The package has a $600 million component disbursed over 12 years, with future revenue arising from various investment within these monies.

But what happens if these funds do not return a dividend?

They are a simplistic step to address a myriad of cultural, economic, legal and social problems and the intergenerational poverty — acute, abject, endemic and pernicious — imposed on most Noongars.

No native title settlement has provided the capacity to remedy the social problems in Aboriginal communities that are plagued by problems imposed by more than a century of disenfranchisement, neglect and the pain of poor policies.

Native title is so watered down and so easily circumvented by politicisation that those within the native title community argue that settlements are about getting what one can — finite outcomes while dismissing panacea and sustainable systems.

Well, they are wrong.

It will be a mistake for Noongars and taxpayers to let this deal go through and allow the argument that all future claims have been extinguished.

The Australian political and ideological landscape is changing and it may well be that in a couple of decades the Noongar clans will be able to secure what has been denied today — a win-win circumstance.

If the deal goes through, future Noongars will have courts telling them that their ancestors signed their rights away.

The deal should not be signed because there are no questions of sovereignty to solve, only rights issues per se, entitlements and reparations, remedies, customary and traditional ties. These don’t threaten current land use, but are pivotal to generating the type of rights that will raise people out of intergenerational poverty.

In the meantime, if the Government has $600 million to spend over 12 years, it should do so. And these funds should be spent on remedying the ills that plague far too many clans of Noongar people — whose children are dying at the world’s highest suicide rates, who are being incarcerated at among the world’s highest imprisonment rates and who are living in overcrowded private and public housing.

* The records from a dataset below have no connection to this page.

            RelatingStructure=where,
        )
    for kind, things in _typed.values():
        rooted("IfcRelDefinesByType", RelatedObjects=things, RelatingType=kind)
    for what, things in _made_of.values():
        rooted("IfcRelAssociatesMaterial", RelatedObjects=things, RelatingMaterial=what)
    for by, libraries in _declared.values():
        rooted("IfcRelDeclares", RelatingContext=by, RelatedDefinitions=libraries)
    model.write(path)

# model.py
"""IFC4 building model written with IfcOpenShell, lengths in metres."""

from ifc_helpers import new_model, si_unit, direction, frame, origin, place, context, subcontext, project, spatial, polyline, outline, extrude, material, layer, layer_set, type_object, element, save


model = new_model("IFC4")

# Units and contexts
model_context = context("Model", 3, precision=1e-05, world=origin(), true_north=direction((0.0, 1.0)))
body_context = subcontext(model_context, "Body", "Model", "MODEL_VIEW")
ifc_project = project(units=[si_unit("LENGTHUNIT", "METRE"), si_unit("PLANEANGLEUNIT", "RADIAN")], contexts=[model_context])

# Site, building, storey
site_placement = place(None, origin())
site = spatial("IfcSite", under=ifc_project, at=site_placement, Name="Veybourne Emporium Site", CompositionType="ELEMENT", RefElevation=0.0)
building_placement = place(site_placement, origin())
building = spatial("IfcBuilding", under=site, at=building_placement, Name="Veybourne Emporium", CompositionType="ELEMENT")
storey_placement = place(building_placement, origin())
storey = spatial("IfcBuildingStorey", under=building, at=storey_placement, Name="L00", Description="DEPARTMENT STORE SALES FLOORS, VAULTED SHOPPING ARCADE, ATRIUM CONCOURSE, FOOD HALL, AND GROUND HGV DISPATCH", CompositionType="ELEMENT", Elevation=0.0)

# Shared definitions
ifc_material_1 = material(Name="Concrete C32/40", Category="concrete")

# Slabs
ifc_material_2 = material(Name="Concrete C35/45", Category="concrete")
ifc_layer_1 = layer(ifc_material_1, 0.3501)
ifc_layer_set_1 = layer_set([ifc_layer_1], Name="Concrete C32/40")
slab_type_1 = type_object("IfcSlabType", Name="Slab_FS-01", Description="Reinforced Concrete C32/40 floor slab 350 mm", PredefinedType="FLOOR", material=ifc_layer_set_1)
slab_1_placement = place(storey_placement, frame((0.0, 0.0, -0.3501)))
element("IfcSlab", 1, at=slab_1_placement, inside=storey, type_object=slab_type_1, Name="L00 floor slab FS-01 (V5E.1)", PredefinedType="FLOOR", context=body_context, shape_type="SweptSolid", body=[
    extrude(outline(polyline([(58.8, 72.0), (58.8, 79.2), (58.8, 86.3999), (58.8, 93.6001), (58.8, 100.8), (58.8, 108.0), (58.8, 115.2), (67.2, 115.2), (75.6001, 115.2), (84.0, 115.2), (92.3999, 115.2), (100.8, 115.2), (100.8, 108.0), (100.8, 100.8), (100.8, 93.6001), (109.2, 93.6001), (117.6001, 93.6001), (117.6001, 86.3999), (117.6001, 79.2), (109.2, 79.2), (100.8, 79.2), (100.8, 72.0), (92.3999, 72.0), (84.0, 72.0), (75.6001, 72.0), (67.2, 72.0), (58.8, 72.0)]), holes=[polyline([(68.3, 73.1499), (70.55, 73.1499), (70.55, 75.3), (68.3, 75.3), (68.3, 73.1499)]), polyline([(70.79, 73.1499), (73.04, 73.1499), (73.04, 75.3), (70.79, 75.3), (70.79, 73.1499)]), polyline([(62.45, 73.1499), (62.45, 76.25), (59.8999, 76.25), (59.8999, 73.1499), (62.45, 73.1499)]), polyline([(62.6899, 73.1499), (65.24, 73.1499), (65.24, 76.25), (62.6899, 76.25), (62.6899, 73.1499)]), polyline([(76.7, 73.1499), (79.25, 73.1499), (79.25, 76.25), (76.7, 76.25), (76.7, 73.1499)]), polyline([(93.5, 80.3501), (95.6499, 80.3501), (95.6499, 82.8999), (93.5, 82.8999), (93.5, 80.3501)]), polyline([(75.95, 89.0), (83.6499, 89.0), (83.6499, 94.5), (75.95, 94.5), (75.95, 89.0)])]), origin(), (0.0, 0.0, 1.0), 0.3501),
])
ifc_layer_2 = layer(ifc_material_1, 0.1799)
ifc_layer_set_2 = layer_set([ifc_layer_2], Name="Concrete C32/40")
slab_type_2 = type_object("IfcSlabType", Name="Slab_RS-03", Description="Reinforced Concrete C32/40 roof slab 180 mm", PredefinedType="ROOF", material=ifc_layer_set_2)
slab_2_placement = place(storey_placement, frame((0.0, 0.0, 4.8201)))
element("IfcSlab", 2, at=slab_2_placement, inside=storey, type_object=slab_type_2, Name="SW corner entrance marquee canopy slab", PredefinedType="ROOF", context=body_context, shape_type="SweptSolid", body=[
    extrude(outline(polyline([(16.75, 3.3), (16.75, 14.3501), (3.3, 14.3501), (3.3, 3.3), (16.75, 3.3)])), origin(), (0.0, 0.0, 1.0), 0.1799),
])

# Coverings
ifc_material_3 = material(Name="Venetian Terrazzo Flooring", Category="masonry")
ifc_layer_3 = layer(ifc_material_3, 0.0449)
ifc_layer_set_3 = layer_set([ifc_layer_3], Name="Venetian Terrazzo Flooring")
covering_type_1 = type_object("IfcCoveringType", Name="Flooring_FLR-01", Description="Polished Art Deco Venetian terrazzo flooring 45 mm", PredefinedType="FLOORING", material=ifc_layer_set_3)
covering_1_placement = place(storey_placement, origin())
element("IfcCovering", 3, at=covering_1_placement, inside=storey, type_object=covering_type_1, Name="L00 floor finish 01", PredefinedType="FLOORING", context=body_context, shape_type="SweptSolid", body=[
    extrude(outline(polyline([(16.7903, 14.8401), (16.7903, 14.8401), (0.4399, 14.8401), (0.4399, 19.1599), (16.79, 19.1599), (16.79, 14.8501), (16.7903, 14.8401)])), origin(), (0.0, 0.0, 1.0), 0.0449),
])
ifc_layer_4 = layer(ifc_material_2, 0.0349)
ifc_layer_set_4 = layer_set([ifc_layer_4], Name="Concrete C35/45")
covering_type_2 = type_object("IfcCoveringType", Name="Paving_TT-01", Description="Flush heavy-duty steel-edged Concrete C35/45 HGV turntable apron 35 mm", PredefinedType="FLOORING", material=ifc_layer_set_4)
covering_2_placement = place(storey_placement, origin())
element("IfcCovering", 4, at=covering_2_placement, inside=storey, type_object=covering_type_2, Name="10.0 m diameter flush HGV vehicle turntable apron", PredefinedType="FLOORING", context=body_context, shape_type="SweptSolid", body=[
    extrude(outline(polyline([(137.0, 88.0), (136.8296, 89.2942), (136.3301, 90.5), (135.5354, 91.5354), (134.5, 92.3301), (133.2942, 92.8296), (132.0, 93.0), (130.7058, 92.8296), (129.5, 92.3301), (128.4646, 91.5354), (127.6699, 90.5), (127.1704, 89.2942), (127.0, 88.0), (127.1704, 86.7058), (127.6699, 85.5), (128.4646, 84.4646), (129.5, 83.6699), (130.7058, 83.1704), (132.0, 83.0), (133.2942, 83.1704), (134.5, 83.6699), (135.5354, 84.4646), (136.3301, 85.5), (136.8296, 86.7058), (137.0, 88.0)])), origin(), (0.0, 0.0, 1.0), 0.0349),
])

More needs to be done for disadvantaged people than a modicum of social employment programs for Aboriginal workers in natural parks in joint ventures with the Department of Environment or 120 extra houses to be built near Perth. This is piecemeal and insulting.

Native title has short-changed Aboriginal people nationwide and it should cease. But when governments stand so ferociously in the way of a bona fide native title agreement and social, economic, cultural and compensatory rights, what hope is there to get native title right?

The funds that are being offered are the equivalent of a sports stadium or a couple of tall city buildings. Does any right-minded citizen believe this is what native title is about? Native title was supposed to be compensatory, remedial, humane and to bring about reconciliation.

Professor Len Collard is a Noongar from the Whadjuk people. Gerry Georgatos is a PhD researcher and writer on Aboriginal issues.